Does anyone have sample code for batched multiple packed sequences with Attention?
Here's where I am confused:
Background I have a data set with a series of sentence tuples (s1, s2). I have a Bidi lstm for each of them and I would like to attend on the two sequences s1, and s2 before I send them off to a linear layer -- I would also like to do this in a batch setting though the pseudo code below is written in a per instance (i.e. per s1,s2 tuple) forward pass.
Something like this (not working code -- pseudo code)
combined_input_2_attention=torch.cat((s1_lstm_out, s2_lstm_out), 0)
attn_applied = torch.bmm(attention_alphas.unsqueeze(0),
where s1_lstm_out and s2_lstm_out are the outputs of sending one s1, s2 tuple in the forward pass.
Q1. If this was batched -- Do the attention weights (alphas) need to be in dimensions of length of the max sequence length (s1+s2 since I am concatenating) per batch(?) or globally?. I doubt this is something can be per batch -- because how would i initialize the dimensions of the linear layer that does the attention?
Q2 Either way I need to have a packed sequence for the two LSTMs before I attend over them or concatenate them -- but the problem is padding requires them to be sorted individually.
I read the answer of using sort but I could not follow it completely.
Here's what I understood from the post above:
1) I take a set of tuples (s1, s2). Sort them individually using tensor.sort and keep track of their original indices.

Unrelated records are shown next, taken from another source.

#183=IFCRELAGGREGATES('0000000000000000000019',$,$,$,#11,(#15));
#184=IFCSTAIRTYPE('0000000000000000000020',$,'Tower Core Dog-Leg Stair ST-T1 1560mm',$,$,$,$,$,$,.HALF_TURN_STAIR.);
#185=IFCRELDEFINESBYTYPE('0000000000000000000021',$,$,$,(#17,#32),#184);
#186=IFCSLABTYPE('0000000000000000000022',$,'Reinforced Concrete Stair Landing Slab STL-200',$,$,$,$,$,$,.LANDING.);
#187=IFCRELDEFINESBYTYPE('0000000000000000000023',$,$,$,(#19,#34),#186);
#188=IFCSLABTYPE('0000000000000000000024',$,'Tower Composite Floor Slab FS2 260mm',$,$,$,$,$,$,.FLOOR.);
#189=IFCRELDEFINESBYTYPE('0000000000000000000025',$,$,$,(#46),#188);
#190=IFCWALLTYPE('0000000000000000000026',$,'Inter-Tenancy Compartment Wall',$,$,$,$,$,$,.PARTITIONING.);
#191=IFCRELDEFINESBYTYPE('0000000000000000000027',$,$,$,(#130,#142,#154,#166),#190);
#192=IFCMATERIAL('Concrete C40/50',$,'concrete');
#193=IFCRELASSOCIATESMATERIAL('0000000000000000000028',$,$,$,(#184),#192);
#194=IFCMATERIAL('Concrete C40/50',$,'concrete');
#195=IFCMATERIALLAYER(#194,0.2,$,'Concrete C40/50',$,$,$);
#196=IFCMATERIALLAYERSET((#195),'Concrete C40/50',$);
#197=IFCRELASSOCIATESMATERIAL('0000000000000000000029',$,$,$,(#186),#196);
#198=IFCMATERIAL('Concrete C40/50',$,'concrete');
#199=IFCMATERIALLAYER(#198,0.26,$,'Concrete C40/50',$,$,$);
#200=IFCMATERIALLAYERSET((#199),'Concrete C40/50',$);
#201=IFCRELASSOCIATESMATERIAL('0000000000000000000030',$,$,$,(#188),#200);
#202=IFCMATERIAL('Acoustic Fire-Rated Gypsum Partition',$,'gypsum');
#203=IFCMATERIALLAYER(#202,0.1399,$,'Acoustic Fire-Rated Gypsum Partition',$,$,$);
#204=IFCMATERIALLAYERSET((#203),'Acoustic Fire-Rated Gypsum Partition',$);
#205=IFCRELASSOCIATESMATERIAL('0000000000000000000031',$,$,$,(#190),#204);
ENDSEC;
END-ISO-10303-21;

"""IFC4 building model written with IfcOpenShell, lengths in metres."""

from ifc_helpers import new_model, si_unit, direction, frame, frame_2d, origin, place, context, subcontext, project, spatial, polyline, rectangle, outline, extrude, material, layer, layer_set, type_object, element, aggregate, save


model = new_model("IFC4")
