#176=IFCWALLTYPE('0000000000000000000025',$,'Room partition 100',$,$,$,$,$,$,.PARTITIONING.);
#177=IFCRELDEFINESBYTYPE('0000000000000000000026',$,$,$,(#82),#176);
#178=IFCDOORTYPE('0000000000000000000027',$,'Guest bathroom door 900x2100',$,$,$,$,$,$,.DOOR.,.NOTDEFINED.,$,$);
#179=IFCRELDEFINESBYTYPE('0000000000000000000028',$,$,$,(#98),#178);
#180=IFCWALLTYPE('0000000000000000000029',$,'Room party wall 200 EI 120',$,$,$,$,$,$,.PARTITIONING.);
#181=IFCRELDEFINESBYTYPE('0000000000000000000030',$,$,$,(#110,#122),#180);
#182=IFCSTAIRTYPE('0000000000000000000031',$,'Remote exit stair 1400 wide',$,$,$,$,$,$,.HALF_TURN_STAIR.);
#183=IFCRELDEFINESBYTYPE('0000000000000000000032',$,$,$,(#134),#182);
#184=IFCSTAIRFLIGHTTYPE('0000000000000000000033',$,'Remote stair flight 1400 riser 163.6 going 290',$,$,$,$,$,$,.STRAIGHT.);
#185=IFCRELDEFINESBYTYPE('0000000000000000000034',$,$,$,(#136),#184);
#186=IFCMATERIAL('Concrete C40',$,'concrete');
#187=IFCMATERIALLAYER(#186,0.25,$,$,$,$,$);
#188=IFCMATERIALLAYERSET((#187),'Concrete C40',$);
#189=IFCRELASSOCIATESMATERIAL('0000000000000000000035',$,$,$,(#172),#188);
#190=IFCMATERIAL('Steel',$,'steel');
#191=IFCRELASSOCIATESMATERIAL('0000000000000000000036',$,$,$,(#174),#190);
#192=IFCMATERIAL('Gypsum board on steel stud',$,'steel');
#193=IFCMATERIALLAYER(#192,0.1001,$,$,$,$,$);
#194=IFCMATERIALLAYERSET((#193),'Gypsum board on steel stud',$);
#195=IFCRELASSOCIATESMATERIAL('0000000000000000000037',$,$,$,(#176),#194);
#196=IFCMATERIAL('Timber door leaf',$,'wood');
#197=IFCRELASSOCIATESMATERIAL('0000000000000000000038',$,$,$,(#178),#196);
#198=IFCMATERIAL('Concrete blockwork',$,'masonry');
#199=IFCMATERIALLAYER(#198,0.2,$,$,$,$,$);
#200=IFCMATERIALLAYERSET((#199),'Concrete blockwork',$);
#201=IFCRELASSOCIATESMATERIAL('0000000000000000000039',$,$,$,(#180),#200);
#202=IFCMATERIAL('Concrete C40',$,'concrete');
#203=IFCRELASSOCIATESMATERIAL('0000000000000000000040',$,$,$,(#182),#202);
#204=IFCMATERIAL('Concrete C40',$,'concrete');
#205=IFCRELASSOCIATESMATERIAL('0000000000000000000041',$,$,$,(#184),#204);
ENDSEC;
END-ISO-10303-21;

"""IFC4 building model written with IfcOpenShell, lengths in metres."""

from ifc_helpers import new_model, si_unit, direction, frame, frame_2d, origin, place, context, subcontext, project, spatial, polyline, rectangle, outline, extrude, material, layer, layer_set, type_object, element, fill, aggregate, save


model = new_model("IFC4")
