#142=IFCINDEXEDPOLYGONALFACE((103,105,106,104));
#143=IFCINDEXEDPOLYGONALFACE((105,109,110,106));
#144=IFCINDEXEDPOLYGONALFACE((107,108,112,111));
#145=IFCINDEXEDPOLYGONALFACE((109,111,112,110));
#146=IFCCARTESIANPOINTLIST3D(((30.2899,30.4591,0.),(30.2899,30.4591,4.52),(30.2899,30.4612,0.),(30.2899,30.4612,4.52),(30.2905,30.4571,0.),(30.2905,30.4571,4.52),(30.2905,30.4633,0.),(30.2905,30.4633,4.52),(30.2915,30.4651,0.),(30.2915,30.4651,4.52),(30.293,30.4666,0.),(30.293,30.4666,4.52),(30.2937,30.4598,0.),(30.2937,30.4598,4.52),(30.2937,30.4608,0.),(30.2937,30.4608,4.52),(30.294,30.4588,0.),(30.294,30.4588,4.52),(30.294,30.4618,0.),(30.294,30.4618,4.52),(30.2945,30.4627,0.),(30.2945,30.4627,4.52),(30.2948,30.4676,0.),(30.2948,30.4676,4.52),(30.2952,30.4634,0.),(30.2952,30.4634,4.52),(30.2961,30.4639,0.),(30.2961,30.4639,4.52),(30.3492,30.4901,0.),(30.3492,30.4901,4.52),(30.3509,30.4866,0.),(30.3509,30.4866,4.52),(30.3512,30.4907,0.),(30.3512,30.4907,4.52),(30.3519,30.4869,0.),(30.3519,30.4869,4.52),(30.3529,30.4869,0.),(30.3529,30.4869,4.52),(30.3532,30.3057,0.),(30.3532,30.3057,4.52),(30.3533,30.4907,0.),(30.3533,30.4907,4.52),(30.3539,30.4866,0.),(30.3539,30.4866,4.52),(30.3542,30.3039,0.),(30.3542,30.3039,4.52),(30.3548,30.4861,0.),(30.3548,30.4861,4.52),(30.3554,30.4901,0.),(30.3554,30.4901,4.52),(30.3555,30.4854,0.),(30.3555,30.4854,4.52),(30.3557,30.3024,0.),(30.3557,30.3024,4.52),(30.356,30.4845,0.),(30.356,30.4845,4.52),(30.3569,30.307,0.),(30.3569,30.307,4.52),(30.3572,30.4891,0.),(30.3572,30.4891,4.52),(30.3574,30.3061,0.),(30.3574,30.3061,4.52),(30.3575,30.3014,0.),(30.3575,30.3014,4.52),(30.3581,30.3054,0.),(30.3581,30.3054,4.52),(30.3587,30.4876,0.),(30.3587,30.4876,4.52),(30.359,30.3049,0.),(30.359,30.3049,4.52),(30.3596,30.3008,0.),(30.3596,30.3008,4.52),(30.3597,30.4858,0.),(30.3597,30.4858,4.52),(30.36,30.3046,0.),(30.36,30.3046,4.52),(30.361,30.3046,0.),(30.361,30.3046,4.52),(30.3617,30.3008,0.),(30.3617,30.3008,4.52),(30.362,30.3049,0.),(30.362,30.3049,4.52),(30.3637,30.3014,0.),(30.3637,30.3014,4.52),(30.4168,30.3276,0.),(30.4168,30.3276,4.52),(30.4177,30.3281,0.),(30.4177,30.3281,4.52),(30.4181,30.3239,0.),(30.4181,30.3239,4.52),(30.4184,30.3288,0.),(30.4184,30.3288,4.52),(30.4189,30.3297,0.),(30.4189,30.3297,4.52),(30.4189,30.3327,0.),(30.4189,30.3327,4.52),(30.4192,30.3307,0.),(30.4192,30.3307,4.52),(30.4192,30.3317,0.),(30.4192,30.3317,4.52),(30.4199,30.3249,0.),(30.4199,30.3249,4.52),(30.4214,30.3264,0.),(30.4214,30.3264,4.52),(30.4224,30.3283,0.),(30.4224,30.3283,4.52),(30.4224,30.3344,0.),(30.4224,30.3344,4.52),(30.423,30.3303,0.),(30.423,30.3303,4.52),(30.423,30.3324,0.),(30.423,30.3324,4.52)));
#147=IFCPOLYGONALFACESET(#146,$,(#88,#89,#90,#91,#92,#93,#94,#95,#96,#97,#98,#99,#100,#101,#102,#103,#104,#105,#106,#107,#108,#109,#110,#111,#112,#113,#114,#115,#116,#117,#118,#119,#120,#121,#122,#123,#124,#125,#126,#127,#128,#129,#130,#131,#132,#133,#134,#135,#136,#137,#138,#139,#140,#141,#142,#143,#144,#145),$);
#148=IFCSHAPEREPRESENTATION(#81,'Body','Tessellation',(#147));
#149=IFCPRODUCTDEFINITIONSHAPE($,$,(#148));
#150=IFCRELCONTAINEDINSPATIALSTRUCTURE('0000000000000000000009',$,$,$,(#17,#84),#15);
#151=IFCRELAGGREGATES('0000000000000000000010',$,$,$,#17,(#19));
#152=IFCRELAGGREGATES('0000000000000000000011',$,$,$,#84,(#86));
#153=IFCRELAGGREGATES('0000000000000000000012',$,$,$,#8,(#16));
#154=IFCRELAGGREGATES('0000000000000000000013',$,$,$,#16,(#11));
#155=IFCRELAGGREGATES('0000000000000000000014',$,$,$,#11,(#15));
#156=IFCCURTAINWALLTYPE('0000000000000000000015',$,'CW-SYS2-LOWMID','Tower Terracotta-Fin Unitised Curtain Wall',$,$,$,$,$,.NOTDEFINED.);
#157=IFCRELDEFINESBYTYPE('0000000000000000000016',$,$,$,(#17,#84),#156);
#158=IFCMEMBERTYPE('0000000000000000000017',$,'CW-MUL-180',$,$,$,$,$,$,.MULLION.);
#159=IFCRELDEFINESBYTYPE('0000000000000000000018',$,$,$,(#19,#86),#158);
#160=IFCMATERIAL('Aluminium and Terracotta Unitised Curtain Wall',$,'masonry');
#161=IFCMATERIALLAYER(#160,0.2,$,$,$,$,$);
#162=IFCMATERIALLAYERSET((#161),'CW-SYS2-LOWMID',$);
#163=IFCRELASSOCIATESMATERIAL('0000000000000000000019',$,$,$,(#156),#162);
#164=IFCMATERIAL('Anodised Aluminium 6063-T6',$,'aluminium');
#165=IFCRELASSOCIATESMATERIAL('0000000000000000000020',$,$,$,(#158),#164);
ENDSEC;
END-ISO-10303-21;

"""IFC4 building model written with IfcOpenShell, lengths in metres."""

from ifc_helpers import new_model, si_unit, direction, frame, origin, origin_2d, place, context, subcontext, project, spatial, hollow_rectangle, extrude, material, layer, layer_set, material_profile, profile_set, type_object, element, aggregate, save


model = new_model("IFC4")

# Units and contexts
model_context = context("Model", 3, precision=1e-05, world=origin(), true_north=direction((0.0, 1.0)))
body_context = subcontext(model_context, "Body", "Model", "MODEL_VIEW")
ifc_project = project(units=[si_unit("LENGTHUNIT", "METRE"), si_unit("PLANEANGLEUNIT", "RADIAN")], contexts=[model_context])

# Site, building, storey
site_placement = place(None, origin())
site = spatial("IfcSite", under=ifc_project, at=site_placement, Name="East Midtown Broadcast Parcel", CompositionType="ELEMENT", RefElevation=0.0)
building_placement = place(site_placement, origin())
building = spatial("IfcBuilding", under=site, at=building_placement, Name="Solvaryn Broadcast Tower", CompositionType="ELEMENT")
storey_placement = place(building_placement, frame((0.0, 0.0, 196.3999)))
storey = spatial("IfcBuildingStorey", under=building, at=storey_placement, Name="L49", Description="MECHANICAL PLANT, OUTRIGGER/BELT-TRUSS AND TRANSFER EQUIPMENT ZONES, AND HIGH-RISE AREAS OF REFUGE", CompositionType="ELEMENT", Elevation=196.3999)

2) Individually pack s1 and s2 into padded sequences based on their individual max lengths per batch and send it to my forward pass
3) At the end of it -- I return my outputs by reverse mapping them based on the sorted order generated in (1)? If yes, wouldn't the network have seen an instance of s1 and s2 in different orders from my original -- why is this correct/why does this work? What am I missing?
Any leads /clarification would be extremely helpful! Thanks!